この世代のダート界のトップホースではないかと思っているブチコ(吉田竜作)
◆芝路線かダート路線か、アイドルホースの行く末は来週末に決定するはずだ
先週の段階で個人的にランキングをつけるなら、牡馬はGI馬ダノンプラチナ、共同通信杯を勝ったリアルスティールが暫定トップ。牝馬はルージュバックが2歩くらいリードか。そして、ダート路線はというと…ちょっとゴールデンバローズに勝ちっぷりには驚かされた。道中の手ごたえからも怪しく映ったが、直線でギアが上がると走りが一変。これでダートに変わって3連勝となったが、今の状態なら芝に戻っても…という感じさえした。この先どこに向かうかが楽しみだ。
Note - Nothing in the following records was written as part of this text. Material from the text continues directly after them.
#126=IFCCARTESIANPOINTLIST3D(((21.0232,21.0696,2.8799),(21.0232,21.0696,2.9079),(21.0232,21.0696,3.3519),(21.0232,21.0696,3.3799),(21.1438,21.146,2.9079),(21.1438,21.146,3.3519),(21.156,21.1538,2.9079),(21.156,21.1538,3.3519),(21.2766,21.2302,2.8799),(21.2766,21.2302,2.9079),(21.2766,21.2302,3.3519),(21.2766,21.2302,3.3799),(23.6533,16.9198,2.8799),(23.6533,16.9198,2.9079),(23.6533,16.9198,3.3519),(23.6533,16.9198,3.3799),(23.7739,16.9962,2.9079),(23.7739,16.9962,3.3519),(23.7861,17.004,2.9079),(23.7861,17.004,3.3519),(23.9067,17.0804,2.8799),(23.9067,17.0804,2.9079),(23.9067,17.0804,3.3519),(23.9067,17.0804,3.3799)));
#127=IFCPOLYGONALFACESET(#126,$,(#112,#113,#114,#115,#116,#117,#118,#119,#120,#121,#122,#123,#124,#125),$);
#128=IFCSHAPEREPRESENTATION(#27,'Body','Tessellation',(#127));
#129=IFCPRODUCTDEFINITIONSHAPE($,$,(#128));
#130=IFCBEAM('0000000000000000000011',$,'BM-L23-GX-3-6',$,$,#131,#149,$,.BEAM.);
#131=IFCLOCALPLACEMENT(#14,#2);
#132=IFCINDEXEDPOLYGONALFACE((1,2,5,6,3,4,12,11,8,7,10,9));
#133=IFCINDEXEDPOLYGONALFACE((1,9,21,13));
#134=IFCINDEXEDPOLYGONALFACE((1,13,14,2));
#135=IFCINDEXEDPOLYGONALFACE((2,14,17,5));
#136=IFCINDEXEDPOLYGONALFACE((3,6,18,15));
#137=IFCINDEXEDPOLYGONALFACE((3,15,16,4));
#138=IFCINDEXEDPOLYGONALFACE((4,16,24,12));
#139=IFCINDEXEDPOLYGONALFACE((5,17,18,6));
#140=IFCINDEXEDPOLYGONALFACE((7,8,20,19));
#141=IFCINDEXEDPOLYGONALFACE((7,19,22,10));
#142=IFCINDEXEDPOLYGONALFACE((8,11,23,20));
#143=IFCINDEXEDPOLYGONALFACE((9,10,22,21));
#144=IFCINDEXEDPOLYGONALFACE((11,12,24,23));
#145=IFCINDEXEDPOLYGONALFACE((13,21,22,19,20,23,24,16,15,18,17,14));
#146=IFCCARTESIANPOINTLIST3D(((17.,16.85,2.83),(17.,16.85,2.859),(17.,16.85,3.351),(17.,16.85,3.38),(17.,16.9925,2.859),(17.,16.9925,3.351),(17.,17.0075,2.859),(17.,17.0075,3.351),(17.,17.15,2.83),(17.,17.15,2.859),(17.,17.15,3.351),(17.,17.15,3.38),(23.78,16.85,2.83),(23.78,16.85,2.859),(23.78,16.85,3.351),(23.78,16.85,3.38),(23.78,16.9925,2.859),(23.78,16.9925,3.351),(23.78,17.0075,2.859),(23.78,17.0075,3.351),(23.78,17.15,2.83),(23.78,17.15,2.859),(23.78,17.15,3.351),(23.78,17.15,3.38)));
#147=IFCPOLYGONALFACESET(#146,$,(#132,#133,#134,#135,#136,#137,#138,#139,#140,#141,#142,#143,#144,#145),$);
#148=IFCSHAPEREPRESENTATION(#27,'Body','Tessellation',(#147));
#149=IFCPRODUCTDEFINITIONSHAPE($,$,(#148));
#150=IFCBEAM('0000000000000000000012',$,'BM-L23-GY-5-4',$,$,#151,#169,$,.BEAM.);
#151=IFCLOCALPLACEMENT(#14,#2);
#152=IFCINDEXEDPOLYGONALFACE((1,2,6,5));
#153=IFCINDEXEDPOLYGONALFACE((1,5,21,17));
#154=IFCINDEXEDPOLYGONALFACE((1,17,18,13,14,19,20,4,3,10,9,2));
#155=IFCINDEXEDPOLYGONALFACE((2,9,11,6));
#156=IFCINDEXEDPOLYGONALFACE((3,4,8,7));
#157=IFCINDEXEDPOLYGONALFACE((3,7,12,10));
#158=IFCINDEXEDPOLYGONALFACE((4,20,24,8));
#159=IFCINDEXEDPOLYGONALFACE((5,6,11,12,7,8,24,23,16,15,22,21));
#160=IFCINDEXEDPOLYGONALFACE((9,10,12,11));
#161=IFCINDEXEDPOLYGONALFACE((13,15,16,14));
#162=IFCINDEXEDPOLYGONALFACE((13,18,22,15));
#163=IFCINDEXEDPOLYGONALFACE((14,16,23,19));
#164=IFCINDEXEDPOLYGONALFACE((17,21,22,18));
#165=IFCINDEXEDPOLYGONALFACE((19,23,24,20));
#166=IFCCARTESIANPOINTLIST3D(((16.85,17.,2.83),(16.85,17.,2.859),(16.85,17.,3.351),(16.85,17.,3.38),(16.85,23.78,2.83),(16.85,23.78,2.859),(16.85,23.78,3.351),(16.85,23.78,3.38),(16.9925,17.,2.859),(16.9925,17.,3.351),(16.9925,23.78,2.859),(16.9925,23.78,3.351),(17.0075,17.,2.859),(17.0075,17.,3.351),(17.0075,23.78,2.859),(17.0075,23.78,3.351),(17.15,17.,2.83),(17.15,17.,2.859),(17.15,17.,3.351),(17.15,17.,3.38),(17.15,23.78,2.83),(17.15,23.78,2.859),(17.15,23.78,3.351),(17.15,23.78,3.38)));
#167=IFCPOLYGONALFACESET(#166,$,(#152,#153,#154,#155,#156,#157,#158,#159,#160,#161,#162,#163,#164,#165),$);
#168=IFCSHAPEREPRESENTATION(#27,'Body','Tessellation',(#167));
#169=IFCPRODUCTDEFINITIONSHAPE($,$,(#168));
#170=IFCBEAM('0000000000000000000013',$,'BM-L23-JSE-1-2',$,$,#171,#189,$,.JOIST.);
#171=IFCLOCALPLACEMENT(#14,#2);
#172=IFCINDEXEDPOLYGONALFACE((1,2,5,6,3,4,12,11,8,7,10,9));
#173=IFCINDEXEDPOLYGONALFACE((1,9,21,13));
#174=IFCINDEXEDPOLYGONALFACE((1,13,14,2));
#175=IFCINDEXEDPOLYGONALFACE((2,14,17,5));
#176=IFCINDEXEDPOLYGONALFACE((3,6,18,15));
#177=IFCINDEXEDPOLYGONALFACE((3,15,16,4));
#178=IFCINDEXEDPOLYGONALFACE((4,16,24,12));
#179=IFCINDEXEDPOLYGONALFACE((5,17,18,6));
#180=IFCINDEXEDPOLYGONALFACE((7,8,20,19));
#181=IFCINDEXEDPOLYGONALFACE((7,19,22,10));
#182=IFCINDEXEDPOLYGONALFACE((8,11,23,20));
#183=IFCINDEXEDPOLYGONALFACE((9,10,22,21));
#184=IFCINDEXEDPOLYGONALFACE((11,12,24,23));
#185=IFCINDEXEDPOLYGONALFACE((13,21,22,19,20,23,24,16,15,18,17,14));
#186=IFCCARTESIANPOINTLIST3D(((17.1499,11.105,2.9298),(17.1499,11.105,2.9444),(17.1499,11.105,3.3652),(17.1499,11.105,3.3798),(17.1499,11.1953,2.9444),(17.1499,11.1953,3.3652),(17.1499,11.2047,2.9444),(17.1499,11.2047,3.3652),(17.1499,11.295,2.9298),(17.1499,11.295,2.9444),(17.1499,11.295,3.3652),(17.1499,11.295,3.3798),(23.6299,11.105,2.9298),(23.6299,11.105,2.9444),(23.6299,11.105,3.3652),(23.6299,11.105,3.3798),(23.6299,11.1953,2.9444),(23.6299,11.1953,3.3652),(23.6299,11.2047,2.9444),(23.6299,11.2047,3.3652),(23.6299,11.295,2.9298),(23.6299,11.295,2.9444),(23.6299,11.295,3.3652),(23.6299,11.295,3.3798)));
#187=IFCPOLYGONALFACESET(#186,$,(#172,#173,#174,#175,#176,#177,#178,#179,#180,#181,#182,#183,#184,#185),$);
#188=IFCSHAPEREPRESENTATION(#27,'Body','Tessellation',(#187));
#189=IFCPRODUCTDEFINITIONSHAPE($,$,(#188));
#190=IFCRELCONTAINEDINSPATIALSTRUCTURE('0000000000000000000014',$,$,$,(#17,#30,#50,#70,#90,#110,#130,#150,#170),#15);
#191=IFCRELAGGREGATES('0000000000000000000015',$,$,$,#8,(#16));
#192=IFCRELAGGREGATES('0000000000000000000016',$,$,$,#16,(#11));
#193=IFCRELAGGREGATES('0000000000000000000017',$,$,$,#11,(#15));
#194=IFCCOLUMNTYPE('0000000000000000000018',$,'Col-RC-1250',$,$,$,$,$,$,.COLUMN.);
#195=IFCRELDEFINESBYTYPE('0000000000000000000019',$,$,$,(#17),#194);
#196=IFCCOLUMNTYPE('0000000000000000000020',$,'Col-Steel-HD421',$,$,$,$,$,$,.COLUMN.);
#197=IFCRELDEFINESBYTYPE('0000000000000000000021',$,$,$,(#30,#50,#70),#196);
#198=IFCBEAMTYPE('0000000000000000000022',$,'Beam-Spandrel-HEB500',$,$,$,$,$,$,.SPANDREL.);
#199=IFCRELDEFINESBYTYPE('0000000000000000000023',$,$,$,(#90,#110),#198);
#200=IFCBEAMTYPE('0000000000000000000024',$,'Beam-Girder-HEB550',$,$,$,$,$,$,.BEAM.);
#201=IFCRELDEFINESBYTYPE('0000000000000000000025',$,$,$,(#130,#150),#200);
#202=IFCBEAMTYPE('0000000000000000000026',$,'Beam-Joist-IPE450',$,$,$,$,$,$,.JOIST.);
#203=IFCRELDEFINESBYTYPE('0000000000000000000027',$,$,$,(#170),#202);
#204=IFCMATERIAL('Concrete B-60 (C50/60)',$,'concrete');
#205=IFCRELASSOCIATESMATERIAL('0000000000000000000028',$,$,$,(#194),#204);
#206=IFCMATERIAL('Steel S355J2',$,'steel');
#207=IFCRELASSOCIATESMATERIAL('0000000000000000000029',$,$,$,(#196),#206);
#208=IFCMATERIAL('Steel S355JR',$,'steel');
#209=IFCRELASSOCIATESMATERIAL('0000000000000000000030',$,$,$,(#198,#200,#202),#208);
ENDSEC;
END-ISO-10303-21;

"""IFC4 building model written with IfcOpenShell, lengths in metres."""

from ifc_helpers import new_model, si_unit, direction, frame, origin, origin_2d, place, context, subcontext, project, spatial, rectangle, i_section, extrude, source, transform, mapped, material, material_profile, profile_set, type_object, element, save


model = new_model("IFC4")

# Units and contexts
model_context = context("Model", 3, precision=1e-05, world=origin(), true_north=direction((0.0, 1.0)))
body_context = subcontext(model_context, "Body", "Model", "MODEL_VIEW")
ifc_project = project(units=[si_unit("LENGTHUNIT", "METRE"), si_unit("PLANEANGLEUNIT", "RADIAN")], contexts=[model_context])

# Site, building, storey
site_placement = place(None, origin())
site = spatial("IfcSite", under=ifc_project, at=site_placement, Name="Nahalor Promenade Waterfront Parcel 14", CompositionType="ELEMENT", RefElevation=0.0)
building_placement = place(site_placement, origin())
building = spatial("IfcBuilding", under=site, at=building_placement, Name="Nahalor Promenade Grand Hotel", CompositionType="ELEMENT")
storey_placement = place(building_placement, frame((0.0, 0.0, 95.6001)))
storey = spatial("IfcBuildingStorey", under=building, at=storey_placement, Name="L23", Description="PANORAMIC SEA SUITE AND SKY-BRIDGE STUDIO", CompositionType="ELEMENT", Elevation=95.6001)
では、ダート路線はこのゴールデンがトップかと言えばそうではない。次走は芝のチューリップ賞を予定しているブチコこそ、この世代のダート界のトップホースではないかと思っている。上がりが速くなる傾向のある京都とはいえ、未勝利を勝った時のラスト2ハロンの11秒7−11秒9というラップは芝並みの数字。この血統と言えば「父クロフネ」のイメージが強い(2番子ホワイトベッセルから6頭連続でクロフネが種付けされている)かもしれないが同馬は父がキングカメハメハ。それを承知であえて言わせてもらえば、この走りこそ、クロフネが初ダートを走った時によく似ている。
ただ、今回のチューリップ賞挑戦も陣営に期待がないわけではない。「デビュー前は攻め駆けもしなかったし、実際に芝の新馬戦で5着には来たし、その後も入着していた。芝の実戦に行っていいタイプなんだと思っていた」と振り返るのは音無調教師。確かに時計を出し始めた時は目立つほどの動きをしていなかったのだ。それが、ここにきて一変。坂路でも52秒台が出るようになり、はっきりと力をつけてきたのがわかる。「芝で使い出した時とは違って攻めも動くようになったし、力もつけた。芝で勝ち切れなかったのが完成度の違いだとすれば、今のデキならという気持ちはある」と同師。桜花賞路線へ進むのか、交流重賞を経由して関東オークスへと駒を進めるのか。アイドルホースの行く末は来週末に決定するはずだ。
◆今年がラストクラシックとなる松田博厩舎だがエースと目されるレーヴミストラルが未だ放牧から帰ってくる気配がない…
さて、今年がラストクラシックとなる松田博厩舎だが、ここまで2勝馬がゼロ。何とか格好をつけてほしいのだが、エースと目されるレーヴミストラルが未だ放牧から帰ってくる気配がない。「牧場に出したら向こうに任せるから仕方がないさ。でも、こうなるなら手元に置いて調整してもよかったかなとも思うわな」と寂しげに笑う松田博調教師。「ダービーには出せる馬だと思う。ただ、関西馬のダービーとなると、やはり皐月賞をステップにするローテーションが王道。青葉賞やプリンシパルSを経由していては厳しくなるから」と、あくまで狙うのは“出走”ではなく“勝利”。いい形で本番にエントリーできるといいのだが。そして、レーヴより先に2勝目ゲットのチャンスを迎えるのがライトファンタジア。「本当は前走で決めておきたかったけどな。それでも変わり無く来ているし、この血統としては本当に落ち着いている。長いところが合いそうだし、牡馬相手でもそう引けは取らないと思う」と師。こちらはオークスに向けてもう負けは許されない状況。すっきり決めてほしいのだが。